Ha causado extrañeza en la población nacional y posiblemente en algunos observadores del extranjero no escuchar ningún comentario ni instrucción alguna del presidente Evo ni del vicepresidente Álvaro acerca del escándalo que se produjo en nuestro país referente a los hechos de corrupción que involucran a importantes hombres públicos en el caso del norteamericano Ostreicher.

Comentando este hecho que nos pareció incomprensible o tal vez inteligente, mi pariente espiritual trató de conseguir un pronunciamiento mío al respecto, pero yo que soy un viejo mañoso que entra al agua y no se moja, entra al fuego y no se quema, se divierte en el “Malena” y no paga, respondí a todas sus preguntas diciendo “no se oye, Tata”.

Sin dejarse vencer por mi astucia, la cholita cochabambina me aclaró que ella no es ningún Tata y que en todo caso tendría que decirle “Mama o Mamitay” o “Mamacita”, pero siguiendo la tradición aimara le respondí: “No se oye, Tata”.

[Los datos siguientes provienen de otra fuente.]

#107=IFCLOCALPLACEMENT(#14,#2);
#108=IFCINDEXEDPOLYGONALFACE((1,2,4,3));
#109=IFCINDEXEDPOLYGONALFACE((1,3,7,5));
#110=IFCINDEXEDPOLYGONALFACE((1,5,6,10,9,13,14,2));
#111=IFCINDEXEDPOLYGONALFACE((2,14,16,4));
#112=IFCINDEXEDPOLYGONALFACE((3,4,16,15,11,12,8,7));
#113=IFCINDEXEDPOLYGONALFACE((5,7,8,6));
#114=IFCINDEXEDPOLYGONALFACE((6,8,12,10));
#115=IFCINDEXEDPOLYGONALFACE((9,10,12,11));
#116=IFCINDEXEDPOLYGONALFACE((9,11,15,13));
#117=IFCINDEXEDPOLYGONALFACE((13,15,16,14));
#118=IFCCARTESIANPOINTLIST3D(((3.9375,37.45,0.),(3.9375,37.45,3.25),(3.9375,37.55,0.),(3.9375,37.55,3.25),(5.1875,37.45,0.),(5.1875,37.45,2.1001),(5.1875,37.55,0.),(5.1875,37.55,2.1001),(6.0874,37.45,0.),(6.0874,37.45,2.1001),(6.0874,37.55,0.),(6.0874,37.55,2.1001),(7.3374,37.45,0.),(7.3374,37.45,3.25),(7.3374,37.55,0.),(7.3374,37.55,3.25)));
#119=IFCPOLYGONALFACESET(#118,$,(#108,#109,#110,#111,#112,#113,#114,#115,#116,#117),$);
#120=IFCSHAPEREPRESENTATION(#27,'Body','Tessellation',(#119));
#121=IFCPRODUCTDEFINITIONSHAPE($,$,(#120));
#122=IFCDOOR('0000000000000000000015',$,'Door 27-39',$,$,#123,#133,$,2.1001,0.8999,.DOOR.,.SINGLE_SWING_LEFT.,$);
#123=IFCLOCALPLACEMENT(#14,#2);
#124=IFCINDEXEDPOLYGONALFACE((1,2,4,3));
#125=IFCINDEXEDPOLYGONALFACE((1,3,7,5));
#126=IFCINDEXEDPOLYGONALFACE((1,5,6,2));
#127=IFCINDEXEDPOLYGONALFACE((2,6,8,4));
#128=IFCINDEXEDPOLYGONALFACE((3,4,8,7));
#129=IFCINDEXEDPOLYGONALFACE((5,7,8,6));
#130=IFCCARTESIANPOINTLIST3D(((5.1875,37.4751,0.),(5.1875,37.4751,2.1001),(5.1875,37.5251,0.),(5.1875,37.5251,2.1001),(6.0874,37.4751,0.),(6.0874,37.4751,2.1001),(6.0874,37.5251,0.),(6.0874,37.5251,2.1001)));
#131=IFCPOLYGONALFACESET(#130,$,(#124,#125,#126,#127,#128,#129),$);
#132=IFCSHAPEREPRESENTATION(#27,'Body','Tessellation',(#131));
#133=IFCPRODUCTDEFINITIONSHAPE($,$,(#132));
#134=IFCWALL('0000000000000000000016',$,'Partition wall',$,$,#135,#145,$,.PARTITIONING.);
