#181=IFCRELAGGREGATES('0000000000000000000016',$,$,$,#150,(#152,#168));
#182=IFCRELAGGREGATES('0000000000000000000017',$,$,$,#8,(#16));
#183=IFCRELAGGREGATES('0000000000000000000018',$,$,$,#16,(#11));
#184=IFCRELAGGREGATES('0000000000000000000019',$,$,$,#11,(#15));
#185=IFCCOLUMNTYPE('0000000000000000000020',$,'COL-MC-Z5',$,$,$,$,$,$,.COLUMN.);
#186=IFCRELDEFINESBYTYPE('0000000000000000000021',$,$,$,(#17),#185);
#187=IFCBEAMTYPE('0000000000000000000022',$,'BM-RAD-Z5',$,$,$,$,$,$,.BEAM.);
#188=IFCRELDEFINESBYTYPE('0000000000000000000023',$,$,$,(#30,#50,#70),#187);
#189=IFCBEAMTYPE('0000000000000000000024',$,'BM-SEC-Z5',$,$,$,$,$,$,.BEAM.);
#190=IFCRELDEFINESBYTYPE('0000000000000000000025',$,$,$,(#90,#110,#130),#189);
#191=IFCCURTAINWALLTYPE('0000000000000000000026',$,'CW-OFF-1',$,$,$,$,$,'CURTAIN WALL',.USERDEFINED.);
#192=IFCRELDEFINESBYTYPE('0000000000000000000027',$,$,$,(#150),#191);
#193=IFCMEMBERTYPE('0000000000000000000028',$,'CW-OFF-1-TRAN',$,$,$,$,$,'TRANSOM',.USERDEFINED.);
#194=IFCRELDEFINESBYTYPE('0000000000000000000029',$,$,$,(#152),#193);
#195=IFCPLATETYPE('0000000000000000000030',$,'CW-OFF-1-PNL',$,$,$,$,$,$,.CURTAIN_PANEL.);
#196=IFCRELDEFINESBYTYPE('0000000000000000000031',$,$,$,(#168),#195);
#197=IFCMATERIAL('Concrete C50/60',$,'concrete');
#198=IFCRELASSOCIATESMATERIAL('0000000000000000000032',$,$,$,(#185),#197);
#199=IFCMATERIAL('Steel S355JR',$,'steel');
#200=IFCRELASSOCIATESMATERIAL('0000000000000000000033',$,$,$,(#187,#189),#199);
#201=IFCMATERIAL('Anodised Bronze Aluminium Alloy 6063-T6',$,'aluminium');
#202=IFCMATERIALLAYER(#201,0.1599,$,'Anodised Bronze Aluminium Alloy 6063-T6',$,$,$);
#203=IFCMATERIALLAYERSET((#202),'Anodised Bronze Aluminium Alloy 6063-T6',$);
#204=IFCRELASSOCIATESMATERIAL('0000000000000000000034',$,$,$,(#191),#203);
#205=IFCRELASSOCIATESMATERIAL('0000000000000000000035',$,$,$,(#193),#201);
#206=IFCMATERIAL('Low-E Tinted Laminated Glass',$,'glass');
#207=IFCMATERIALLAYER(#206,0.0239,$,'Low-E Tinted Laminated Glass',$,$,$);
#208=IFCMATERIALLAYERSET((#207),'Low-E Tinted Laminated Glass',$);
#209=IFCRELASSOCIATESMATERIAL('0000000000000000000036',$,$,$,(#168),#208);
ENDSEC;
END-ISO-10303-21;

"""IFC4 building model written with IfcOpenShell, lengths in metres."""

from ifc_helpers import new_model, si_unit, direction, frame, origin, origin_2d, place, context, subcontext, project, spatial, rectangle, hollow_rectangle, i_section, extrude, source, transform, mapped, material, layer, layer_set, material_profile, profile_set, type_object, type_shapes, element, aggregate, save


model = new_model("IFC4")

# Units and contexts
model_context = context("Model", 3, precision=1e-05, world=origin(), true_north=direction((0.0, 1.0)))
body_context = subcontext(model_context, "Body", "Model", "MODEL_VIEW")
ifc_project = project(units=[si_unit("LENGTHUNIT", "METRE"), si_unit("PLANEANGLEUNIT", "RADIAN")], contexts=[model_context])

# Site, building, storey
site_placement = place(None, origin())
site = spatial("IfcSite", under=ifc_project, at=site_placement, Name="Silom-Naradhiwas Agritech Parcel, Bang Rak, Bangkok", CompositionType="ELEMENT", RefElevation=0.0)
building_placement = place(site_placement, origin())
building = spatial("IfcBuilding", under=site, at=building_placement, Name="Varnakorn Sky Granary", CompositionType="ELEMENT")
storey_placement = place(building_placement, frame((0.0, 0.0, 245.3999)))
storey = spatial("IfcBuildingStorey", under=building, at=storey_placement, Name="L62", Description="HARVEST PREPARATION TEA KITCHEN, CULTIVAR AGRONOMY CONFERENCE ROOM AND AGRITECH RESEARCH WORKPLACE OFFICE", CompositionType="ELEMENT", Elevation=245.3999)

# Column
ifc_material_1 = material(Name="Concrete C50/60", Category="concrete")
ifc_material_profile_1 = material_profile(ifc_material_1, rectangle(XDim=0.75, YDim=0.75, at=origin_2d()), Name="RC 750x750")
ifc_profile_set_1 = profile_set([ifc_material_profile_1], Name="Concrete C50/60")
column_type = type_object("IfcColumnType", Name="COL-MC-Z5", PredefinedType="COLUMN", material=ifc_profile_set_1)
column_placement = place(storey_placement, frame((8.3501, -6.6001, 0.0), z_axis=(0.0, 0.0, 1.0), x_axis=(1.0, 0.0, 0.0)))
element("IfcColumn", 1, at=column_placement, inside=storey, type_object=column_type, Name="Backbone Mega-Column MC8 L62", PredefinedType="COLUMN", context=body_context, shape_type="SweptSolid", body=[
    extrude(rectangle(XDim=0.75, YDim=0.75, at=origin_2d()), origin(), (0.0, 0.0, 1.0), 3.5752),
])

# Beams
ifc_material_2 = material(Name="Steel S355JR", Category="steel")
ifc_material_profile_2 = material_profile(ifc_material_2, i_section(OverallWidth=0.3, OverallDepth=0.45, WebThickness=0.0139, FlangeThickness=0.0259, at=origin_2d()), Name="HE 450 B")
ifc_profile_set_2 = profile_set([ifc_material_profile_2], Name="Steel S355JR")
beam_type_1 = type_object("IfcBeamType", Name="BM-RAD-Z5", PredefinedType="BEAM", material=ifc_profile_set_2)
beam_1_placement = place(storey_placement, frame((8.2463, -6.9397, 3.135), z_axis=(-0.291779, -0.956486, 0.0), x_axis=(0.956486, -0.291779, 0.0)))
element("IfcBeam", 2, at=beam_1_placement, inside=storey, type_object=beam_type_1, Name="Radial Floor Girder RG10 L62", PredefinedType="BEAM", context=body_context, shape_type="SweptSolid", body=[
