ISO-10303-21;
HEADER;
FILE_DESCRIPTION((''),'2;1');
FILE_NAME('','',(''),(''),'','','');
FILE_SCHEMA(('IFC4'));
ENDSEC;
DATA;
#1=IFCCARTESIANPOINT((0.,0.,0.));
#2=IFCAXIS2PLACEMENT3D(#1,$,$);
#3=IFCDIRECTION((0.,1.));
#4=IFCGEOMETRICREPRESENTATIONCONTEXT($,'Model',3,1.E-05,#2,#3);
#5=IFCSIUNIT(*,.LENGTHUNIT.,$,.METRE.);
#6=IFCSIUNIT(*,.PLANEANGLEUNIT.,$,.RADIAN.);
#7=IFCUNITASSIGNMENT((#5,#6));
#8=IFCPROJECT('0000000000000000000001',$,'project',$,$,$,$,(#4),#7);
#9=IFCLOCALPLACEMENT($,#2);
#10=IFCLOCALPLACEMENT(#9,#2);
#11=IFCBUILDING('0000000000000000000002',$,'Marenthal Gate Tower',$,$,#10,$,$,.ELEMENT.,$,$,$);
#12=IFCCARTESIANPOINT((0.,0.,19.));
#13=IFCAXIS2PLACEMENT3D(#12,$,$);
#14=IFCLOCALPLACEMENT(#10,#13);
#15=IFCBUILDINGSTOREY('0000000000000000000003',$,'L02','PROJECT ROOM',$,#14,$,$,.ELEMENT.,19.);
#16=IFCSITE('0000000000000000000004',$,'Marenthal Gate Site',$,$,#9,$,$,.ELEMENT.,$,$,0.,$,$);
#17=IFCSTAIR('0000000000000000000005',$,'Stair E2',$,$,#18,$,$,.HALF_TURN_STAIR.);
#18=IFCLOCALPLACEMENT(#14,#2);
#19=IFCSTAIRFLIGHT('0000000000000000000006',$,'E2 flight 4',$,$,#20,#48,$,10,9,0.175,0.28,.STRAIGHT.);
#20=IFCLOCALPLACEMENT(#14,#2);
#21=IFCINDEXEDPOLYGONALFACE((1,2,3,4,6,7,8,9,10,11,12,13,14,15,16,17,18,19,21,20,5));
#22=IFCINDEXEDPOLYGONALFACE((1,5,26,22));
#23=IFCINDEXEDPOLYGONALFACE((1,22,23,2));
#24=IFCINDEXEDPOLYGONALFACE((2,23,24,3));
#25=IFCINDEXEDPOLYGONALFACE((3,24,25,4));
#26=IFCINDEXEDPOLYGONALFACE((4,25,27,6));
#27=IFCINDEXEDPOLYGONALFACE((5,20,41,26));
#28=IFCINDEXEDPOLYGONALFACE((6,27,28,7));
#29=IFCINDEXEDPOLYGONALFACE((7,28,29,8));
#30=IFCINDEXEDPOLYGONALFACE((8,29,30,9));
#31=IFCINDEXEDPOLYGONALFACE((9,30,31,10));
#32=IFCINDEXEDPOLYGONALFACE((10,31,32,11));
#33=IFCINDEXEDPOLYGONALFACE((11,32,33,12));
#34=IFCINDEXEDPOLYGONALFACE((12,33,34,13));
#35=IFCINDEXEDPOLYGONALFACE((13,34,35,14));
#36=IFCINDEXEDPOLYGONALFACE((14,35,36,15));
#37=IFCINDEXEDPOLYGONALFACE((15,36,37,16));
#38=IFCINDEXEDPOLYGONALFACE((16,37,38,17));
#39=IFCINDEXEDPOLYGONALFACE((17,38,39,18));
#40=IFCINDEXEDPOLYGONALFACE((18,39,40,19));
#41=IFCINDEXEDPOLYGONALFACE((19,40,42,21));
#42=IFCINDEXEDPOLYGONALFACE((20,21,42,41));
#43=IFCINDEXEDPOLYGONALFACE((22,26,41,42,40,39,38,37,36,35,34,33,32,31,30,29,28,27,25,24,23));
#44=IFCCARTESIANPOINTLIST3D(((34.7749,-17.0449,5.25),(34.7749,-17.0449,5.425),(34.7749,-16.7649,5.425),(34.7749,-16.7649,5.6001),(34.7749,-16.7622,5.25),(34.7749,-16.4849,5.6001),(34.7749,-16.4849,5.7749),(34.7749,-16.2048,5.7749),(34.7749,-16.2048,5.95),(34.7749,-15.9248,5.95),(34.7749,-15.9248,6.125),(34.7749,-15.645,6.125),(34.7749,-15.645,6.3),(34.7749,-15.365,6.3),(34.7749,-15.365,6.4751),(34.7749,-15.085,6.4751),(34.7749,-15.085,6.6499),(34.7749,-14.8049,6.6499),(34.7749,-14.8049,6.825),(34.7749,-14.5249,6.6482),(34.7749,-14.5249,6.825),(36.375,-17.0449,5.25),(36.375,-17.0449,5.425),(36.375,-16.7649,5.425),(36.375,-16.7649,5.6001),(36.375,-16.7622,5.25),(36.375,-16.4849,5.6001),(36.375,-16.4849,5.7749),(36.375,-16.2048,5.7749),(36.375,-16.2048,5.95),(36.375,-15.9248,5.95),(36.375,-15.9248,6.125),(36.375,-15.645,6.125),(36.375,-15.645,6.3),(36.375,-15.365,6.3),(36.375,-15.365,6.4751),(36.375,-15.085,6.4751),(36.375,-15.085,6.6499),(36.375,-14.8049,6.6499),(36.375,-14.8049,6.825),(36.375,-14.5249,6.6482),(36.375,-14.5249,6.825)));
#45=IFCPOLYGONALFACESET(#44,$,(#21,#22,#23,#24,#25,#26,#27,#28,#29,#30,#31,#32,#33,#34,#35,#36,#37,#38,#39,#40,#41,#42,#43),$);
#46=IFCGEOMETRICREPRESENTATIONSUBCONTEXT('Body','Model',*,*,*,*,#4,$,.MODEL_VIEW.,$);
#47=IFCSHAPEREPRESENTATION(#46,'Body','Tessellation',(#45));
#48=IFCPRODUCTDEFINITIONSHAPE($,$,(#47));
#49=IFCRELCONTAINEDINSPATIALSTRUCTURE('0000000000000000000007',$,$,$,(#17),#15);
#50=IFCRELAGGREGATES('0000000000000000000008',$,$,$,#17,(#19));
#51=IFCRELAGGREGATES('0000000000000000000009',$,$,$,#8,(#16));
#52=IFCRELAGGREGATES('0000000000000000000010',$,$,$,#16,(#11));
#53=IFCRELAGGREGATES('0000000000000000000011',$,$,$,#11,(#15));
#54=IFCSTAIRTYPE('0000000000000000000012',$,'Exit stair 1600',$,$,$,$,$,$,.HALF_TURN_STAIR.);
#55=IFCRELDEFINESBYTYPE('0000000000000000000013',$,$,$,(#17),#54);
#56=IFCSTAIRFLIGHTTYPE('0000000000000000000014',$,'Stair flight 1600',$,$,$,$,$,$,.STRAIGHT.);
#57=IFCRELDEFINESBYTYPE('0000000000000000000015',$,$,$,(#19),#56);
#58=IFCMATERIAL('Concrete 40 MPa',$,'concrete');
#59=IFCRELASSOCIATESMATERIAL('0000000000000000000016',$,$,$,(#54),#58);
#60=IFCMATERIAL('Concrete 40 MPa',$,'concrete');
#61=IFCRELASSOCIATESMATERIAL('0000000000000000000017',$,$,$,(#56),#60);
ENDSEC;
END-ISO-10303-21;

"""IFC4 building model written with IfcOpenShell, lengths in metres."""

from ifc_helpers import new_model, si_unit, direction, frame, origin, place, context, subcontext, project, spatial, polyline, outline, extrude, material, type_object, element, aggregate, save


model = new_model("IFC4")

# Units and contexts
model_context = context("Model", 3, precision=1e-05, world=origin(), true_north=direction((0.0, 1.0)))
body_context = subcontext(model_context, "Body", "Model", "MODEL_VIEW")
ifc_project = project(units=[si_unit("LENGTHUNIT", "METRE"), si_unit("PLANEANGLEUNIT", "RADIAN")], contexts=[model_context])

# Site, building, storey
site_placement = place(None, origin())
site = spatial("IfcSite", under=ifc_project, at=site_placement, Name="Marenthal Gate Site", CompositionType="ELEMENT", RefElevation=0.0)
building_placement = place(site_placement, origin())
building = spatial("IfcBuilding", under=site, at=building_placement, Name="Marenthal Gate Tower", CompositionType="ELEMENT")
storey_placement = place(building_placement, frame((0.0, 0.0, 19.0)))
storey = spatial("IfcBuildingStorey", under=building, at=storey_placement, Name="L02", Description="PROJECT ROOM", CompositionType="ELEMENT", Elevation=19.0)

# Stair, stair flight
ifc_material_1 = material(Name="Concrete 40 MPa", Category="concrete")
stair_type = type_object("IfcStairType", Name="Exit stair 1600", PredefinedType="HALF_TURN_STAIR", material=ifc_material_1)
stair_placement = place(storey_placement, origin())
stair = element("IfcStair", 1, at=stair_placement, inside=storey, type_object=stair_type, Name="Stair E2", PredefinedType="HALF_TURN_STAIR")
ifc_material_2 = material(Name="Concrete 40 MPa", Category="concrete")
stair_flight_type = type_object("IfcStairFlightType", Name="Stair flight 1600", PredefinedType="STRAIGHT", material=ifc_material_2)
stair_flight_1_placement = place(storey_placement, frame((35.575, -17.0449, 5.25), z_axis=(0.0, 0.0, 1.0), x_axis=(0.0, 1.0, 0.0)))
stair_flight_1 = element("IfcStairFlight", 2, at=stair_flight_1_placement, type_object=stair_flight_type, Name="E2 flight 4", NumberOfRisers=10, NumberOfTreads=9, PredefinedType="STRAIGHT", RiserHeight=0.175, TreadLength=0.28, context=body_context, shape_type="SweptSolid", body=[
    extrude(outline(polyline([(0.0, 0.0), (0.0, 0.175), (0.28, 0.175), (0.28, 0.3501), (0.5601, 0.3501), (0.5601, 0.5249), (0.8401, 0.5249), (0.8401, 0.7), (1.1201, 0.7), (1.1201, 0.875), (1.3999, 0.875), (1.3999, 1.05), (1.6799, 1.05), (1.6799, 1.2251), (1.96, 1.2251), (1.96, 1.3999), (2.24, 1.3999), (2.24, 1.575), (2.52, 1.575), (2.52, 1.75), (2.52, 1.3982), (0.2827, 0.0), (0.0, 0.0)])), frame((0.0, 0.8, 0.0), z_axis=(0.0, -1.0, 0.0), x_axis=(1.0, 0.0, 0.0)), (0.0, 0.0, 1.0), 1.6001),
])
aggregate(stair, [stair_flight_1])

save(model, "model.ifc")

Sin perder la paciencia con este juego me dijo: “Recapacite, compadre, no es posible que usted quien está atento al menor ruido que se produce en la plaza Murillo no hubiera escuchado la explosión de esa noticia-bomba que hizo estremecer al Palacio Quemado donde funciona el Ministerio de la Presidencia dirigido por el señor Juan Ramón Quintana y el Ministerio de Gobierno encabezado por el doctor Carlos Romero…”

Poniendo mi “cara de opa” (que no me es muy difícil) respondí a la inteligente cholita cochabambina: “¡No se oye, Tata!

Menos amoscada que en un comienzo, mi interlocutora trató de reflexionarme y manifestó: “No se haga el k´asa compadre, pues se ha sabido que esta noticia llegó hasta Estados Unidos desde donde alguien le dio el mensaje del escándalo al mismísimo presidente Evo y éste le cuenta todo a su vicepresidente Álvaro…” Poniendo mi “cara de coxuáter” (que también me es facilísimo), miré el rostro juvenil y perspicaz de la cholita nacida en Quillacollo y volví a repetir con la sabiduría de un amauta de verdad: ¡No se oye, Tata!!!

Sin darse por vencida mi agraciada benefactora insistió una vez más: “Recapacite, compadrituy y dígame “ ¿No es verdad que en estos momentos se están apretando las clavijas a algunos jueces y fiscales para esclarecer hechos anteriores y sancionar a abogados que actuaron desde el Ministerio de Gobierno junto a cinco ministros anteriores al Dr. Carlos Romero…?”.

Impertérrito respondí a mi comadre aunque ella no entendió esa palabreja que utilicé: Le respondo por enésima vez: -¡¡¡No se oye, Tata!!!